E, de fato, Eusclépios, que tudo fizera, por sua grande evolução, em estado de parcial liberdade espiritual, por ainda estar o feto pouco desenvolvido, renasceu sete meses depois, com outro nome, cresceu forte e bonito, tomando todas as feições que exibira, na juventude de sua mãe, naquela desesperada e inesquecível tarde de inverno. O menino nasceu e houve escândalo, dificuldades inúmeras para Cecília, mas um homem bom a desposou poucos anos mais tarde, levando-a a morar na cidade mais próxima, onde o primogênito de Cecília, que viera, de fato, para grandes realizações, educou-se até o fim do 1o grau, depois indo graduar-se em Direito, na capital mineira, voltando em seguida à terra natal, tornando-se Vereador e depois deputado importante na capital, vindo a trazer inúmeros benefícios para a região. Adquirindo fortuna, e partilhando-a com a multidão, tornou-se uma lenda viva naquelas paragens, e, ainda hoje, homem de meia idade, segue fazendo o bem, como um grande missionário do progresso e da paz, na cidade do interior mineiro, onde foi prefeito por mais de uma vez, visitando diariamente sua mãe amada, filho amoroso e devotado, como um exemplo raro de profunda dedicação filial, muito mais, enormemente mais que os outros três que teve com o homem que a desposou.

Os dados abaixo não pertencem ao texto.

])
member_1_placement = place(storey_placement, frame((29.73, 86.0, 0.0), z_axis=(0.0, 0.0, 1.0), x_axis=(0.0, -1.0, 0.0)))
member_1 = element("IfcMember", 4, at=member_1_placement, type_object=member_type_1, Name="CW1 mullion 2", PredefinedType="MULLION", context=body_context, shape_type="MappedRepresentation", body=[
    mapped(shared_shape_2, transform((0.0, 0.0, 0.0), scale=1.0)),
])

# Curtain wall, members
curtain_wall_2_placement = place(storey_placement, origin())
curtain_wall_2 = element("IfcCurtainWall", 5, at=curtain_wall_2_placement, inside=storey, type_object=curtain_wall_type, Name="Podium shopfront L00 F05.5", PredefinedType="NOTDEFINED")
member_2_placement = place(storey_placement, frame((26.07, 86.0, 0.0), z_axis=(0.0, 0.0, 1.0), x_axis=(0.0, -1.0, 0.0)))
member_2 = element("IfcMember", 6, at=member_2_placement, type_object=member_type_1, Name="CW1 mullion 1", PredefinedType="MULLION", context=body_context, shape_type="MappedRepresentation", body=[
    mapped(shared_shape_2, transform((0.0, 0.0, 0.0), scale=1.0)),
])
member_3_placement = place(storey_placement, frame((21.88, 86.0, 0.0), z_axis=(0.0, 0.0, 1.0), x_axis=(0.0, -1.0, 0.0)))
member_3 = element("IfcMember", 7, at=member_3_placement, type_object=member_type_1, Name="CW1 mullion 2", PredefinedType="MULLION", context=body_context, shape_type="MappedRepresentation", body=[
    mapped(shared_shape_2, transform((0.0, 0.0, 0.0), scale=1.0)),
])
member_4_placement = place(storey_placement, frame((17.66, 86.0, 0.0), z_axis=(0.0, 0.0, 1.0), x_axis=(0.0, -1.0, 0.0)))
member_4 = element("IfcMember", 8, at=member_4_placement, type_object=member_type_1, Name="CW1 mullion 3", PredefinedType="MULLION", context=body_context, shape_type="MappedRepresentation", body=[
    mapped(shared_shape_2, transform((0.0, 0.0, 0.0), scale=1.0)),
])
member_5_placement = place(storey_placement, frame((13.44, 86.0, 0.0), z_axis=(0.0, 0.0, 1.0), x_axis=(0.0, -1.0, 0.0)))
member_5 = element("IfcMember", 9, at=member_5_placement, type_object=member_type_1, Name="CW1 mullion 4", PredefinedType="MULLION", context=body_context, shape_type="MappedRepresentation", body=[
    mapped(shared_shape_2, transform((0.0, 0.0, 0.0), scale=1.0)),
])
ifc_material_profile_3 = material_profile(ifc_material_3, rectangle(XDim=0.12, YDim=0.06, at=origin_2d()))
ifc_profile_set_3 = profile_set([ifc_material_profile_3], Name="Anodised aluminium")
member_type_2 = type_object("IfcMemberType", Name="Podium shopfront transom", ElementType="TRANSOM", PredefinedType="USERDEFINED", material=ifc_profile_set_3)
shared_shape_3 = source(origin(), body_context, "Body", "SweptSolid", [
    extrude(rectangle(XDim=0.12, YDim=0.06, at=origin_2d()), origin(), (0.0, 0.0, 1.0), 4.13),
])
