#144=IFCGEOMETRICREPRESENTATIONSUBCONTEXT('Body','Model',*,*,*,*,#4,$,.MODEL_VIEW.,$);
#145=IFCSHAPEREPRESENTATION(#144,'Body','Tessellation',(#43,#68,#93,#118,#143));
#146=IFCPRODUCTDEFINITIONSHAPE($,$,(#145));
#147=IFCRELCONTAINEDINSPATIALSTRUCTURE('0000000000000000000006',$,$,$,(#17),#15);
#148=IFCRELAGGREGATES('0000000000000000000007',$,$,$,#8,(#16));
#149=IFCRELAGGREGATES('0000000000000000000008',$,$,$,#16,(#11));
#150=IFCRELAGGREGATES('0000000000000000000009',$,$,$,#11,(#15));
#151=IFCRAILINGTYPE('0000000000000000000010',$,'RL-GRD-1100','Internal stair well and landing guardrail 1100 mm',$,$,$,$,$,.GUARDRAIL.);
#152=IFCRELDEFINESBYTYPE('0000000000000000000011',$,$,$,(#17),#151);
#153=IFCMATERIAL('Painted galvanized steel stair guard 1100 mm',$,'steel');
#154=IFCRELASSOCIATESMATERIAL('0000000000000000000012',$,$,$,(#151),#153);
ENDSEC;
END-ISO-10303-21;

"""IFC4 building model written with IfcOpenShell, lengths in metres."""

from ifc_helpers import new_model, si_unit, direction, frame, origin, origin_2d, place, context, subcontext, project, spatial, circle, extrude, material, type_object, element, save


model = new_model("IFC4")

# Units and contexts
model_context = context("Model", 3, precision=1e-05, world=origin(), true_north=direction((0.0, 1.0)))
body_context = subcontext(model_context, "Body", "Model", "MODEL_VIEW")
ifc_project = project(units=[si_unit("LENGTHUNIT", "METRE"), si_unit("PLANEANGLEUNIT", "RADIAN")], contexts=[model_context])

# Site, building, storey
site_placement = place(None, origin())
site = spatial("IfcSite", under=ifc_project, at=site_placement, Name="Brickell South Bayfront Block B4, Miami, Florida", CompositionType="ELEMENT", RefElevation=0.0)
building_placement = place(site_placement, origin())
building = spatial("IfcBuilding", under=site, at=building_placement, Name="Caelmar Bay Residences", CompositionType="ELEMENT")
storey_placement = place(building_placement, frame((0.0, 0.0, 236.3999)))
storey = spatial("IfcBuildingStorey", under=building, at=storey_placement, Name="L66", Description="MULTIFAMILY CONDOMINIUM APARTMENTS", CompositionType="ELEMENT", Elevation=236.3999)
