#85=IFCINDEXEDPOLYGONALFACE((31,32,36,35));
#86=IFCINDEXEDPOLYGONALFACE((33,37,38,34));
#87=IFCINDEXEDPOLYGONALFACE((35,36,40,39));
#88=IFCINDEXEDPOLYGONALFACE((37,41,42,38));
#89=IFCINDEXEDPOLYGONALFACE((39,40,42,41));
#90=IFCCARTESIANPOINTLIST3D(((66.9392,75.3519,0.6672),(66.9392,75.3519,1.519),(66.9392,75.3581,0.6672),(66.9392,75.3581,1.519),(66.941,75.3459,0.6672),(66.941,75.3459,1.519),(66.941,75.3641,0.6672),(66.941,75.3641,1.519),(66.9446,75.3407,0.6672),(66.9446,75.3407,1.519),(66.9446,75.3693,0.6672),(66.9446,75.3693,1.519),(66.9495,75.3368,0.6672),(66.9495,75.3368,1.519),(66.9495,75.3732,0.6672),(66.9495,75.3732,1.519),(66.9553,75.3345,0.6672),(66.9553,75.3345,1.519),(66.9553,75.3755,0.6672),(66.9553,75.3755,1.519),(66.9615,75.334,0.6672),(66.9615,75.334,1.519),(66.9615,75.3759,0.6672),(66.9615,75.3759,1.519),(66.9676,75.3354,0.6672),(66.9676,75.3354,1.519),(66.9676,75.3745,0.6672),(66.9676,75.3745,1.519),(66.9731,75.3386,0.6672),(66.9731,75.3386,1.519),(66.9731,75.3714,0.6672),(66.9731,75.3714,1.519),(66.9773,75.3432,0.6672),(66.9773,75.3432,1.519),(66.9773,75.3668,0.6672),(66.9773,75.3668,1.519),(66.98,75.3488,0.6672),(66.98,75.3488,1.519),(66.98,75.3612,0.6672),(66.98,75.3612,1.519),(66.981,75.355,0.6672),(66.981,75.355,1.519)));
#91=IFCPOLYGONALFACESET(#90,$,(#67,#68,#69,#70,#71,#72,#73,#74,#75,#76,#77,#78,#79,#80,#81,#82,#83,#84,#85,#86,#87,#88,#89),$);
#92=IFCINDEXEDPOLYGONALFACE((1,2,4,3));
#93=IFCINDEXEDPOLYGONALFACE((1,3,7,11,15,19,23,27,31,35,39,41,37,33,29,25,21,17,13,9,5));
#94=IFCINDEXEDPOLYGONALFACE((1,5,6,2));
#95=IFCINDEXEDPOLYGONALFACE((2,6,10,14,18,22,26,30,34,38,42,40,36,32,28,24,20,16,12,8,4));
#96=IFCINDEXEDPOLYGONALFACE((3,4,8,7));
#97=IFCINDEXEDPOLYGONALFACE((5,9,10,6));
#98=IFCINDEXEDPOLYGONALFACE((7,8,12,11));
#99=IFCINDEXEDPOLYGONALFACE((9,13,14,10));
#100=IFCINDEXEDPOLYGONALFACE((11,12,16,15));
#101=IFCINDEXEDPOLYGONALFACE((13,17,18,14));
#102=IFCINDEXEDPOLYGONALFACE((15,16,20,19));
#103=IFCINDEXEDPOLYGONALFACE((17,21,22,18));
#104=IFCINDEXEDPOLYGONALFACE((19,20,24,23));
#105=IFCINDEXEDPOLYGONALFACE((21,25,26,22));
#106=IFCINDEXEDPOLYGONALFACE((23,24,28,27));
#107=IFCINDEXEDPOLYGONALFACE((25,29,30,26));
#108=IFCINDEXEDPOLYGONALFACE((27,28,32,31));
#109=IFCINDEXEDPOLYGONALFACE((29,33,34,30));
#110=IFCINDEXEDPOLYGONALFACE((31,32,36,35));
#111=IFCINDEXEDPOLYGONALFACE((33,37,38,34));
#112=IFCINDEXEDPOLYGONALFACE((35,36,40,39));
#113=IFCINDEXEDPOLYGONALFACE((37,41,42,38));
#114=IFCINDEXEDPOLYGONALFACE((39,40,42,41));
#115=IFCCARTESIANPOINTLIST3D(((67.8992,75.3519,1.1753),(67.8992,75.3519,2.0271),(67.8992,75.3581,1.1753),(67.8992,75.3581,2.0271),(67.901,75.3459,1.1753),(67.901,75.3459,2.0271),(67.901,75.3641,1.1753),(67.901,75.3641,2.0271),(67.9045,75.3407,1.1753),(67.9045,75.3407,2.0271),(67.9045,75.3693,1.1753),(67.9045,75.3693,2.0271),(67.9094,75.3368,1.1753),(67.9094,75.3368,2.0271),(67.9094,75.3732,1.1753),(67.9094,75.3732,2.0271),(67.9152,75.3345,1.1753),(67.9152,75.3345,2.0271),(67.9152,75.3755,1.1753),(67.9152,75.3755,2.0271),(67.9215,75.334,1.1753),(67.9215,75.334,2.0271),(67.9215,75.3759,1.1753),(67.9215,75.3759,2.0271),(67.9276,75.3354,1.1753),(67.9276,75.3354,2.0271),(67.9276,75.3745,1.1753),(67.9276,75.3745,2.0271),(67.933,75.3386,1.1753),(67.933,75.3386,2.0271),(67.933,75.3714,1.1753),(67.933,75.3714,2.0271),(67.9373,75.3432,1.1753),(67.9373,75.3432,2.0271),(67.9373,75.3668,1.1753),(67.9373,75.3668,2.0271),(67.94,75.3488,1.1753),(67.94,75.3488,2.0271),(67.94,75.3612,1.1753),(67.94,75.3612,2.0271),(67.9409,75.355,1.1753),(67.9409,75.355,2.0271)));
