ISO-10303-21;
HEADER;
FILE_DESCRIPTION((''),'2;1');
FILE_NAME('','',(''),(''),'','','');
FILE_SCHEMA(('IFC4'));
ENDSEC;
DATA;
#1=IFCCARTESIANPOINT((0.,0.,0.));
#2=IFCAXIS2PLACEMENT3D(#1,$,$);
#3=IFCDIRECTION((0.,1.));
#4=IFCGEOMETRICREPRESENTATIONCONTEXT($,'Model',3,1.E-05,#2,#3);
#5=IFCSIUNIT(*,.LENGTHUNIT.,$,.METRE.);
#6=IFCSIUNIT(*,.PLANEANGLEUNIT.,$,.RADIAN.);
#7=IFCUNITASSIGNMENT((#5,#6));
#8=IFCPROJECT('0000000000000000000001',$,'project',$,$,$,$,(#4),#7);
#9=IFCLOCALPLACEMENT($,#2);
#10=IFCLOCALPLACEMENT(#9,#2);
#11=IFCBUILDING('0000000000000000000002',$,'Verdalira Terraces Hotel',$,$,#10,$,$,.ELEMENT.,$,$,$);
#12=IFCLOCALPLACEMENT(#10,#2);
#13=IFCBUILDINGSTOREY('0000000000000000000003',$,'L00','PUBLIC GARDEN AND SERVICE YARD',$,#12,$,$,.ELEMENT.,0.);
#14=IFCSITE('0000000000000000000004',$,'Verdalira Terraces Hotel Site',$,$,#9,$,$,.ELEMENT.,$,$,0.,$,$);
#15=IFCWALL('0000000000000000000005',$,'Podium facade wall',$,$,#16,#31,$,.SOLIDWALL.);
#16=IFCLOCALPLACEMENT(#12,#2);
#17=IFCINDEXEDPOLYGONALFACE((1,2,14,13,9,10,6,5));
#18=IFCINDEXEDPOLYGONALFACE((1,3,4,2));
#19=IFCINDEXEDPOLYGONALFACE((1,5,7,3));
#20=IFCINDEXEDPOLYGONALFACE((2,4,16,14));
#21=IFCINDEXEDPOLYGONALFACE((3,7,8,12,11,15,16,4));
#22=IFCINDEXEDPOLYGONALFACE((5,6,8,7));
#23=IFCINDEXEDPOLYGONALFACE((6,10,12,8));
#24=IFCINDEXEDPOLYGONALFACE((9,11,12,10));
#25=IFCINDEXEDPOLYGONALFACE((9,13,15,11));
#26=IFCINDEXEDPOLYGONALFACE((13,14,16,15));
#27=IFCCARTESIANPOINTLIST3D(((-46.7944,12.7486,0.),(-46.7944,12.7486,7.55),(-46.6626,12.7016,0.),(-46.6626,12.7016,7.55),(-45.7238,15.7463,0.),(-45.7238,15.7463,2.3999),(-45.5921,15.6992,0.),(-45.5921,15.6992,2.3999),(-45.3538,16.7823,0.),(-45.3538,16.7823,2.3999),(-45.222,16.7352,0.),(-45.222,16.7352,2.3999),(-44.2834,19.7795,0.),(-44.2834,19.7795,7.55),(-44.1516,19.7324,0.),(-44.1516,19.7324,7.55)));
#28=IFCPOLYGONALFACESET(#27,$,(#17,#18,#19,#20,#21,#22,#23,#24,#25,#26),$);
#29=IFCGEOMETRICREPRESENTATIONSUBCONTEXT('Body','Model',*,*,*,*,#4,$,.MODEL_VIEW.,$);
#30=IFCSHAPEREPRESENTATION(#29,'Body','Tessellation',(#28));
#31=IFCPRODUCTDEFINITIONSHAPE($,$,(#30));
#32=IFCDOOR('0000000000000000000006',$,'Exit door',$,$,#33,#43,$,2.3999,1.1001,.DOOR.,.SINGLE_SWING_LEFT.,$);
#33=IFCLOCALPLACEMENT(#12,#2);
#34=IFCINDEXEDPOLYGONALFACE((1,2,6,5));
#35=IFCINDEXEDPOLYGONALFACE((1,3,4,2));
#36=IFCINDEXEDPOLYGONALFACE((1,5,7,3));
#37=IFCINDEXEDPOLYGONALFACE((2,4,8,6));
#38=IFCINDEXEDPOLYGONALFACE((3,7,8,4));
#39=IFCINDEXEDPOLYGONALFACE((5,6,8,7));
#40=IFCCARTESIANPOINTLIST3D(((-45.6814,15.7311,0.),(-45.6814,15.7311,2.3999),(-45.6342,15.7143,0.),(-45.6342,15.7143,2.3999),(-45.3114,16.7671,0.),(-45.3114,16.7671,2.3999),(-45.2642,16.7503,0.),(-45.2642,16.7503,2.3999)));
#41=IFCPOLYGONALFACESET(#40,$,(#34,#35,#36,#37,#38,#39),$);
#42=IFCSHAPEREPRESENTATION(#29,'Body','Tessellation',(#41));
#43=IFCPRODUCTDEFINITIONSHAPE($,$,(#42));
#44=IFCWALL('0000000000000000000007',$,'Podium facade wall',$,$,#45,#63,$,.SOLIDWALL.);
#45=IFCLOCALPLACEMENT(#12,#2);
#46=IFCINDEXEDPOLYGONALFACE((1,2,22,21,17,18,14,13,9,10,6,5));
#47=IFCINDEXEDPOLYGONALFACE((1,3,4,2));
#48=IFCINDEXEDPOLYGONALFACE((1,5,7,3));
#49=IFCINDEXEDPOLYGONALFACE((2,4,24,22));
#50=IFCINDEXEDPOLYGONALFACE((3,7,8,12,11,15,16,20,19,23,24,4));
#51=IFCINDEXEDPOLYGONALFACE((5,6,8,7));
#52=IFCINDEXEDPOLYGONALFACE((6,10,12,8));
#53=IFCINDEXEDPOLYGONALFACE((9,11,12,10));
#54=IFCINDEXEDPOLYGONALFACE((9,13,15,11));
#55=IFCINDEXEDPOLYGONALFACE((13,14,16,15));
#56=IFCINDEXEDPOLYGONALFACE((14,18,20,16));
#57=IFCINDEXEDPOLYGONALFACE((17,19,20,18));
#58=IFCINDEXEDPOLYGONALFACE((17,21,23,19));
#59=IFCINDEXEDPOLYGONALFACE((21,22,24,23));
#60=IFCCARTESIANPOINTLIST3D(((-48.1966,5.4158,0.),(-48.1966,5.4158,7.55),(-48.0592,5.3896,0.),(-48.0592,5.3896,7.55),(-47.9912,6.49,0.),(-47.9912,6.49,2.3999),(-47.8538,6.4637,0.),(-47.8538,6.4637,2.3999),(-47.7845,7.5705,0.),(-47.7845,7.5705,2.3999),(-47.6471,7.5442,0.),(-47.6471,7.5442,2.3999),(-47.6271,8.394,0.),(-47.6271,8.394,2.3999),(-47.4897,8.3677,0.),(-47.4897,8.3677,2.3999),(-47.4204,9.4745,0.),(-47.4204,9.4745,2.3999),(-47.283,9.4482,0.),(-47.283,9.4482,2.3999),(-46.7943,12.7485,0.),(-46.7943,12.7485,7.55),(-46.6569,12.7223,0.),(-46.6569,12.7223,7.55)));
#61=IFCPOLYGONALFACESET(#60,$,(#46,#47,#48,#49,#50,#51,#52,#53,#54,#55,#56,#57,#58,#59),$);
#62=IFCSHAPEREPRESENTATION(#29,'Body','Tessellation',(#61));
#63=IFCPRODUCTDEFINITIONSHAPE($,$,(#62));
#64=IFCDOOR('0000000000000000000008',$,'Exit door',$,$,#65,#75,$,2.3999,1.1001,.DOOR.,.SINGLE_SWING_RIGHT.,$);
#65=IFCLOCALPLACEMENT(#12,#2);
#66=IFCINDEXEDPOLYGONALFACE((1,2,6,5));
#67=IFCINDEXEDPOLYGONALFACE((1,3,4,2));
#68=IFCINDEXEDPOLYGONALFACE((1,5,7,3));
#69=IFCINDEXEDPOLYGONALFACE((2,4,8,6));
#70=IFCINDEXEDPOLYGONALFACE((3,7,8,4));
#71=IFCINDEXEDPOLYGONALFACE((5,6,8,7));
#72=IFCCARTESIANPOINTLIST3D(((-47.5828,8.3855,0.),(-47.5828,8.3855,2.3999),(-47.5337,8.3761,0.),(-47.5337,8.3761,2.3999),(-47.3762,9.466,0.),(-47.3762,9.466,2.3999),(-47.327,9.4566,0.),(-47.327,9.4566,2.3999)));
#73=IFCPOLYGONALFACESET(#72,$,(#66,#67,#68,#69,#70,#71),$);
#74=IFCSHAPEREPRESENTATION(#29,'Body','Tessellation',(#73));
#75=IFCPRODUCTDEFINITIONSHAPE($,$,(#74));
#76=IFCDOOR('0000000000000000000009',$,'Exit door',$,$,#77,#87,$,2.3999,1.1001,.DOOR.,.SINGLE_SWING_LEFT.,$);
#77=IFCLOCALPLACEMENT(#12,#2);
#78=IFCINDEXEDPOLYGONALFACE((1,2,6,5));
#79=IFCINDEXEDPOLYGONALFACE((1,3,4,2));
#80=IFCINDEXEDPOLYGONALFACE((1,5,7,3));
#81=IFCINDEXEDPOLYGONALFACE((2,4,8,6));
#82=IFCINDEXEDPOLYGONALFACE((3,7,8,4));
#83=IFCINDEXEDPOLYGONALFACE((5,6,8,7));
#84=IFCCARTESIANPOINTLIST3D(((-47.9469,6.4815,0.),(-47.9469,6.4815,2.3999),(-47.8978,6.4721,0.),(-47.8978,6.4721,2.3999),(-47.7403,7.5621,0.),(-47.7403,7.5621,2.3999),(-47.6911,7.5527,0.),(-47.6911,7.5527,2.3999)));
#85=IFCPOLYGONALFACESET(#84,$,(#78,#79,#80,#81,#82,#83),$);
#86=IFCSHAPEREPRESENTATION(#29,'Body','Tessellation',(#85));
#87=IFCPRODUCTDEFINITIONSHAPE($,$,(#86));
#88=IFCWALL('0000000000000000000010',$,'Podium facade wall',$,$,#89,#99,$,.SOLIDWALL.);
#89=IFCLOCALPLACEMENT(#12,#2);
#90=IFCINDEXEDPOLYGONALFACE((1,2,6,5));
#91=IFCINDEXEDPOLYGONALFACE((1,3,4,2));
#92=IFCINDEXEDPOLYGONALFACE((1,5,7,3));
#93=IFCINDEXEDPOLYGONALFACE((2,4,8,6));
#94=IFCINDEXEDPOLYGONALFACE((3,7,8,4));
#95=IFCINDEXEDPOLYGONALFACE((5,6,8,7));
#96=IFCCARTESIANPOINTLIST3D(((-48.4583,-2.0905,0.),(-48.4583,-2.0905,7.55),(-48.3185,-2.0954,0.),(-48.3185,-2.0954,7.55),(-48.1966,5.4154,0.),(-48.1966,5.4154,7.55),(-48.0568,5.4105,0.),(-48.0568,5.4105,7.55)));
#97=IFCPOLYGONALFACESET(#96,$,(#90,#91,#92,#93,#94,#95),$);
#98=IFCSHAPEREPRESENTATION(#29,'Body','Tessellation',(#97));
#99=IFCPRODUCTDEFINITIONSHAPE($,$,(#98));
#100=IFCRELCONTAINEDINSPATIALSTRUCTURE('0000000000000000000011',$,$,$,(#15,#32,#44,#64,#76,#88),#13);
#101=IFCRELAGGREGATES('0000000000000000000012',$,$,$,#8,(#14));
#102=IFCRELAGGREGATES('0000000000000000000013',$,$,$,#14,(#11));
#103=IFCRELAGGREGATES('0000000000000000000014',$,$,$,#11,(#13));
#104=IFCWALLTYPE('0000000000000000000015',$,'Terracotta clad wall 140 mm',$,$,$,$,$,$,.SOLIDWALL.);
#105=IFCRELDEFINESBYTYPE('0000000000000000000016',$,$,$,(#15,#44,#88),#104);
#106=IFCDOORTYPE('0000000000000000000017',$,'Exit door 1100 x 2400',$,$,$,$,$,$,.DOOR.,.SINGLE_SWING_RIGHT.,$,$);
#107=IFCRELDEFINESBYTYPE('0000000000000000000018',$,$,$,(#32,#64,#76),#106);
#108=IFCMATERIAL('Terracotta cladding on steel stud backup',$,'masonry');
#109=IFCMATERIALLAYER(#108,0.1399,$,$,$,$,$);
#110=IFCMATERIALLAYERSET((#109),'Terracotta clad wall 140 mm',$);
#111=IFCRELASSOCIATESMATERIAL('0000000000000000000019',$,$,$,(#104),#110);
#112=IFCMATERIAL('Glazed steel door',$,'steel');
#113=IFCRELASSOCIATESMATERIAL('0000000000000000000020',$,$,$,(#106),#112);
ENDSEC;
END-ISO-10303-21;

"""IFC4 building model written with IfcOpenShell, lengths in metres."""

from ifc_helpers import new_model, si_unit, direction, frame, frame_2d, origin, place, context, subcontext, project, spatial, rectangle, extrude, material, layer, layer_set, type_object, element, fill, save


model = new_model("IFC4")

# Units and contexts
model_context = context("Model", 3, precision=1e-05, world=origin(), true_north=direction((0.0, 1.0)))
body_context = subcontext(model_context, "Body", "Model", "MODEL_VIEW")
ifc_project = project(units=[si_unit("LENGTHUNIT", "METRE"), si_unit("PLANEANGLEUNIT", "RADIAN")], contexts=[model_context])

# Site, building, storey
site_placement = place(None, origin())
site = spatial("IfcSite", under=ifc_project, at=site_placement, Name="Verdalira Terraces Hotel Site", CompositionType="ELEMENT", RefElevation=0.0)
building_placement = place(site_placement, origin())
building = spatial("IfcBuilding", under=site, at=building_placement, Name="Verdalira Terraces Hotel", CompositionType="ELEMENT")
storey_placement = place(building_placement, origin())
storey = spatial("IfcBuildingStorey", under=building, at=storey_placement, Name="L00", Description="PUBLIC GARDEN AND SERVICE YARD", CompositionType="ELEMENT", Elevation=0.0)

# Wall, opening, door
ifc_material_1 = material(Name="Terracotta cladding on steel stud backup", Category="masonry")
ifc_layer_1 = layer(ifc_material_1, 0.1399)
ifc_layer_set_1 = layer_set([ifc_layer_1], Name="Terracotta clad wall 140 mm")
wall_type_1 = type_object("IfcWallType", Name="Terracotta clad wall 140 mm", PredefinedType="SOLIDWALL", material=ifc_layer_set_1)
wall_1_placement = place(storey_placement, frame((-46.7285, 12.7251, 0.0), z_axis=(0.0, 0.0, 1.0), x_axis=(0.336336, 0.941742, 0.0)))
wall_1 = element("IfcWall", 1, at=wall_1_placement, inside=storey, type_object=wall_type_1, Name="Podium facade wall", PredefinedType="SOLIDWALL", context=body_context, shape_type="SweptSolid", body=[
    extrude(rectangle(XDim=7.4658, YDim=0.1399, at=frame_2d((3.7329, 0.0))), origin(), (0.0, 0.0, 1.0), 7.55),
])
opening_1_placement = place(wall_1_placement, frame((3.1831, 0.0, 0.0)))
opening_1 = element("IfcOpeningElement", 2, at=opening_1_placement, cuts=wall_1, PredefinedType="OPENING", context=body_context, shape_type="SweptSolid", body=[
    extrude(rectangle(XDim=1.1001, YDim=2.3999, at=frame_2d((0.55, 1.2))), frame((0.0, 0.0798, 0.0), z_axis=(0.0, -1.0, 0.0), x_axis=(1.0, 0.0, 0.0)), (0.0, 0.0, 1.0), 0.1599),
])
ifc_material_2 = material(Name="Glazed steel door", Category="steel")
door_type = type_object("IfcDoorType", Name="Exit door 1100 x 2400", OperationType="SINGLE_SWING_RIGHT", PredefinedType="DOOR", material=ifc_material_2)
door_1_placement = place(opening_1_placement, origin())
door_1 = element("IfcDoor", 3, at=door_1_placement, inside=storey, type_object=door_type, Name="Exit door", OperationType="SINGLE_SWING_LEFT", OverallHeight=2.3999, OverallWidth=1.1001, PredefinedType="DOOR", context=body_context, shape_type="SweptSolid", body=[
    extrude(rectangle(XDim=1.1001, YDim=2.3999, at=frame_2d((0.55, 1.2))), frame((0.0, 0.0249, 0.0), z_axis=(0.0, -1.0, 0.0), x_axis=(1.0, 0.0, 0.0)), (0.0, 0.0, 1.0), 0.05),
])
fill(opening_1, door_1)

# Wall, openings, doors
wall_2_placement = place(storey_placement, frame((-48.1279, 5.4026, 0.0), z_axis=(0.0, 0.0, 1.0), x_axis=(0.187839, 0.9822, 0.0)))
wall_2 = element("IfcWall", 4, at=wall_2_placement, inside=storey, type_object=wall_type_1, Name="Podium facade wall", PredefinedType="SOLIDWALL", context=body_context, shape_type="SweptSolid", body=[
    extrude(rectangle(XDim=7.4656, YDim=0.1399, at=frame_2d((3.7329, 0.0))), origin(), (0.0, 0.0, 1.0), 7.55),
])
opening_2_placement = place(wall_2_placement, frame((3.0322, 0.0, 0.0)))
opening_2 = element("IfcOpeningElement", 5, at=opening_2_placement, cuts=wall_2, PredefinedType="OPENING", context=body_context, shape_type="SweptSolid", body=[
    extrude(rectangle(XDim=1.1001, YDim=2.3999, at=frame_2d((0.55, 1.2))), frame((0.0, 0.0798, 0.0), z_axis=(0.0, -1.0, 0.0), x_axis=(1.0, 0.0, 0.0)), (0.0, 0.0, 1.0), 0.1599),
])
opening_3_placement = place(wall_2_placement, frame((1.0938, 0.0, 0.0)))
opening_3 = element("IfcOpeningElement", 6, at=opening_3_placement, cuts=wall_2, PredefinedType="OPENING", context=body_context, shape_type="SweptSolid", body=[
    extrude(rectangle(XDim=1.1001, YDim=2.3999, at=frame_2d((0.55, 1.2))), frame((0.0, 0.0798, 0.0), z_axis=(0.0, -1.0, 0.0), x_axis=(1.0, 0.0, 0.0)), (0.0, 0.0, 1.0), 0.1599),
])
door_2_placement = place(opening_2_placement, origin())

Eusclépios conseguiu descer ao plano físico de vida… mas muitos como ele, grandes missionários ou apenas almas sofridas e carentes, sequiosas da oportunidade de um corpo, para seu progresso e melhora íntima, não têm tido a mesma sorte… lamentavelmente… porque o aborto, mais que todas as guerras somadas, tem ceifado mais de 4 milhões de vidas humanas, todos os anos, somente no Brasil… vidas que poderiam ser tudo que se pode imaginar e muito mais do que não se pode conceber…

(Texto recebido em 1 de junho de 2003.)